Interpreting the cluster pages




only VirMic
This page provides explanations for the different parts of the cluster pages. Please refer to the VirMic introduction page for an overview on the project and its goals.

Overview

The VirMic clusters represent groups of genes that are likely to be of viral origin and have the same functionality. The clusters are generated automatically for the most part, and may suffer from redundancies (several clusters representing the same functionality) or errors (wrong annotations, different functions within the same cluster etc.). The VirMic cluster pages are supposed to provide information that will help you to determine whether a cluster is authentic, and also to find its relations to other clusters. Specifically, you'll be able to find information regarding the following types of analysis:
  1. Cluster annotation: what confidence do we have in the annotation? (Sequence similarity statistics, RefSeq hits, COGs)
  2. Cluster members tagging: how likely it is that the origin of scaffolds carrying genes that belong to the cluster is indeed viral? (Line Islands recruitment, Sequence similarity statistics)
  3. Conext analysis: what other genes can be found in the vicinity of the cluster? (Neighboring clusters on the same scaffold)
In addition, cluster pages contain information which may help you to perform your own analysis, such as fasta files of all members of the cluster and their predicted proteins.

Line Islands recruitment

Each scaffold was blasted against combined datasets of three viral and three microbial samples coming from three of the four Northern Line Islands (one viral and one microbial samples from each location). Samples from the Christmas island were excluded due to a large portion of microbial sequences that were discovered in the viral samples that are probably not authentic. Recruitment is defined as the percentage of positions on the scaffold that were covered by at least one recruited Line Isnland read and therefore may vary between 0 to 100%.
High recruitment from the viral samples together with low recruitment from the microbial ones is probably indicative of a scaffold of viral origin. Zero or near-zero recruitment from both samples probably means that the sequence is not abundant in the Line Islands, and therefore no conclusion can be made as for its origin.
The figure below presents a summary of recruitment for all VirMic scaffolds (blue dots) against control GOS scaffolds carrying some fragment of the 16s rDNA genes (red dots). As can be observed, recruitment for the VirMic scaffolds is usually higher by the viral samples (X axis), in contrast to the 16s scaffolds whose microbial recruitment is much higher than their viral.

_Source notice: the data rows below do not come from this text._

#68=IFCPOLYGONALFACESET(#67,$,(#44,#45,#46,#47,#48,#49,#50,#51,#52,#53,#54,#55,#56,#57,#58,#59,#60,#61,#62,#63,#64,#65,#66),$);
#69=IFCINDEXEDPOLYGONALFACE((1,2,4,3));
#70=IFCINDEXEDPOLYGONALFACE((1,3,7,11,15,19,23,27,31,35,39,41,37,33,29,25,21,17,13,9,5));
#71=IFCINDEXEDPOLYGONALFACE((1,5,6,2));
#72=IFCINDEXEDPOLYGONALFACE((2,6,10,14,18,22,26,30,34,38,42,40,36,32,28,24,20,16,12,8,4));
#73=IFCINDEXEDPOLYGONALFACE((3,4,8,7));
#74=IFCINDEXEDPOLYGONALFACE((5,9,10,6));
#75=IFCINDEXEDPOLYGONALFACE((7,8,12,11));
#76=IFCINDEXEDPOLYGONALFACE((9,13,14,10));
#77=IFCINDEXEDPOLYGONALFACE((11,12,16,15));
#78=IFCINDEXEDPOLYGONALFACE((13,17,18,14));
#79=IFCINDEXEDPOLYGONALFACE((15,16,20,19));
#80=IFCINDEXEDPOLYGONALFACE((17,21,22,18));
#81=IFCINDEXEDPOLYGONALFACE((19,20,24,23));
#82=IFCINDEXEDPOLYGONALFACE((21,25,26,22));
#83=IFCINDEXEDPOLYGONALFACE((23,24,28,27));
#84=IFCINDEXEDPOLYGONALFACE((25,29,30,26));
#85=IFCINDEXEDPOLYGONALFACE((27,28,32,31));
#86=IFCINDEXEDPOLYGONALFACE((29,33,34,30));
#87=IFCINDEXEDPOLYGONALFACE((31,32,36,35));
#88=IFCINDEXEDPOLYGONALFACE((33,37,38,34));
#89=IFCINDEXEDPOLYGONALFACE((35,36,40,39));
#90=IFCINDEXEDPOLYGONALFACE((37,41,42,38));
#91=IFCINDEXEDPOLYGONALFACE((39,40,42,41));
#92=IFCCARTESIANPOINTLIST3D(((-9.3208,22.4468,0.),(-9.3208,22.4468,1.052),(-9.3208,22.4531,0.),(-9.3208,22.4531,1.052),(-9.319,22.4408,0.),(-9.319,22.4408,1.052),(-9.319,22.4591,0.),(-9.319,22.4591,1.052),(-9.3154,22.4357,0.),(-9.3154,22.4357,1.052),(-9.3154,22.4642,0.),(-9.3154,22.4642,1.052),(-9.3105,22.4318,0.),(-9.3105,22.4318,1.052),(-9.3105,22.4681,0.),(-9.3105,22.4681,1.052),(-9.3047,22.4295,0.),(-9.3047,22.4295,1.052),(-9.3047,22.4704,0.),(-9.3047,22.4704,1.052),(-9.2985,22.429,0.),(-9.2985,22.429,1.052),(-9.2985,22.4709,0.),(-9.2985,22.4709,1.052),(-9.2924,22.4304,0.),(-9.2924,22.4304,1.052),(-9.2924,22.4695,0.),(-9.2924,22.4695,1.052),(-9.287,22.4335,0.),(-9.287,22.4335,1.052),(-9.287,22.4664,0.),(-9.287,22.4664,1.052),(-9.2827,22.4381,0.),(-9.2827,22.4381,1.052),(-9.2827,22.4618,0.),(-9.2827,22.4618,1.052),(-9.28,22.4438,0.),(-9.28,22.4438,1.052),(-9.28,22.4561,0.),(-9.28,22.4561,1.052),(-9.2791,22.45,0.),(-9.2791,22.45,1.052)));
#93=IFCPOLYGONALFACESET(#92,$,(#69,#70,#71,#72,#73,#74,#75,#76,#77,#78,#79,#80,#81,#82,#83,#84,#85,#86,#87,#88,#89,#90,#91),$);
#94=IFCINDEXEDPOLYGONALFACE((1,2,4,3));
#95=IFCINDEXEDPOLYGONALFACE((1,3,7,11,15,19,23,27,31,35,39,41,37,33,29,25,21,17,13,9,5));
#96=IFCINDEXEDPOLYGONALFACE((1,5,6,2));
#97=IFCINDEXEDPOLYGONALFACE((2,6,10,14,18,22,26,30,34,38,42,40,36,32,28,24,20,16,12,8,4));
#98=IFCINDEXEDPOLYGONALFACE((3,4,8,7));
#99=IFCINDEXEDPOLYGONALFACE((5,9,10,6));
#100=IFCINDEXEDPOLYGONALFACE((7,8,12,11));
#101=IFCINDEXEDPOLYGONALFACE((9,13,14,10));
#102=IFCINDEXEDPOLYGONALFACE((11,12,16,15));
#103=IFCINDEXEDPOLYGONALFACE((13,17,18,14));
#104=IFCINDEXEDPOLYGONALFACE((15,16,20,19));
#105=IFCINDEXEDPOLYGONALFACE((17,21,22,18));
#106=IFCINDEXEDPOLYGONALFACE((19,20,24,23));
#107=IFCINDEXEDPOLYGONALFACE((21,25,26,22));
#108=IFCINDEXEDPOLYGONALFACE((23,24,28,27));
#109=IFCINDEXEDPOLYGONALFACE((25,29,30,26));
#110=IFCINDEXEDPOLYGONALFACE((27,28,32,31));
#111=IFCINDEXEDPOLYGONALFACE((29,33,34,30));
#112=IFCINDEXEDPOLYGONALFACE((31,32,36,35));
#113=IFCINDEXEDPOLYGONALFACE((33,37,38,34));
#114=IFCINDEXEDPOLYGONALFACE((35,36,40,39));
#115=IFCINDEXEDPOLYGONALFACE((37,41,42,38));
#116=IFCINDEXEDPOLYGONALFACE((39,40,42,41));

Sequence similarity statistics

Sequence simlarity analysis provides information about statistics of best hits when cluster members are BLASTed against
  • VirMic - using tblastx, against members of each cluster's set (e.g. a cluster that belongs to VirMic:Viral was blasted against VirMic:Viral)
  • Refseq hits - the set of all besy hits from the refseq databases proteins for all genes in the project. blastx is used in this case.
  • For VirMic:Microbial clusters, interpretation of the results may be done as follows:
  • Very low average % identity against the RefSeq hits probably means that the annotation is questionable and should be validated by other types of analysis (e.g. conformance of best hits or COGs).
  • Very high %identity against RefSeq hits probably means that the cluster is either not of viral origin (namely: it actually originated from microbial genomes), or it hasn't gone through much change with respect to its microbial homolog(s).
  • Small fraction of cluster members with hits against VirMic genes, relatively low % identity for alignments of those with hits may hint on inaccurate clustering, or on sequences coming from diverse species.
  • High % identity against VirMic:Microbial together with medium % identity against RefSeq hits probably refers to a true VirMic:Microbial cluster whose members have diverged from their microbial origins.
  • Note that for small clusters, the number of alignments against VirMic is expected to be low.

    RefSeq hits

    This table lists all RefSeq hits associated with this cluster. "Occurences" represents the number of cluster members each RefSeq hits "represents" (percent from all cluster members), "Description" is the protein annotation as appears in refseq-microbial or viral.
    When the description of majority of RefSeq hits is consistent the cluster is probably a true one. Otherwise (many inconsistent RefSeq hits) the cluster may be wrong and should be further validated using other methods.

    COGs

    This list contains the best hit statistics of BLASTing all cluster members against the COG database. Similarly to the RefSeq hits case, our confidence in the cluster annotation and makeup increases when its members are associated with one or a few consistent COGs.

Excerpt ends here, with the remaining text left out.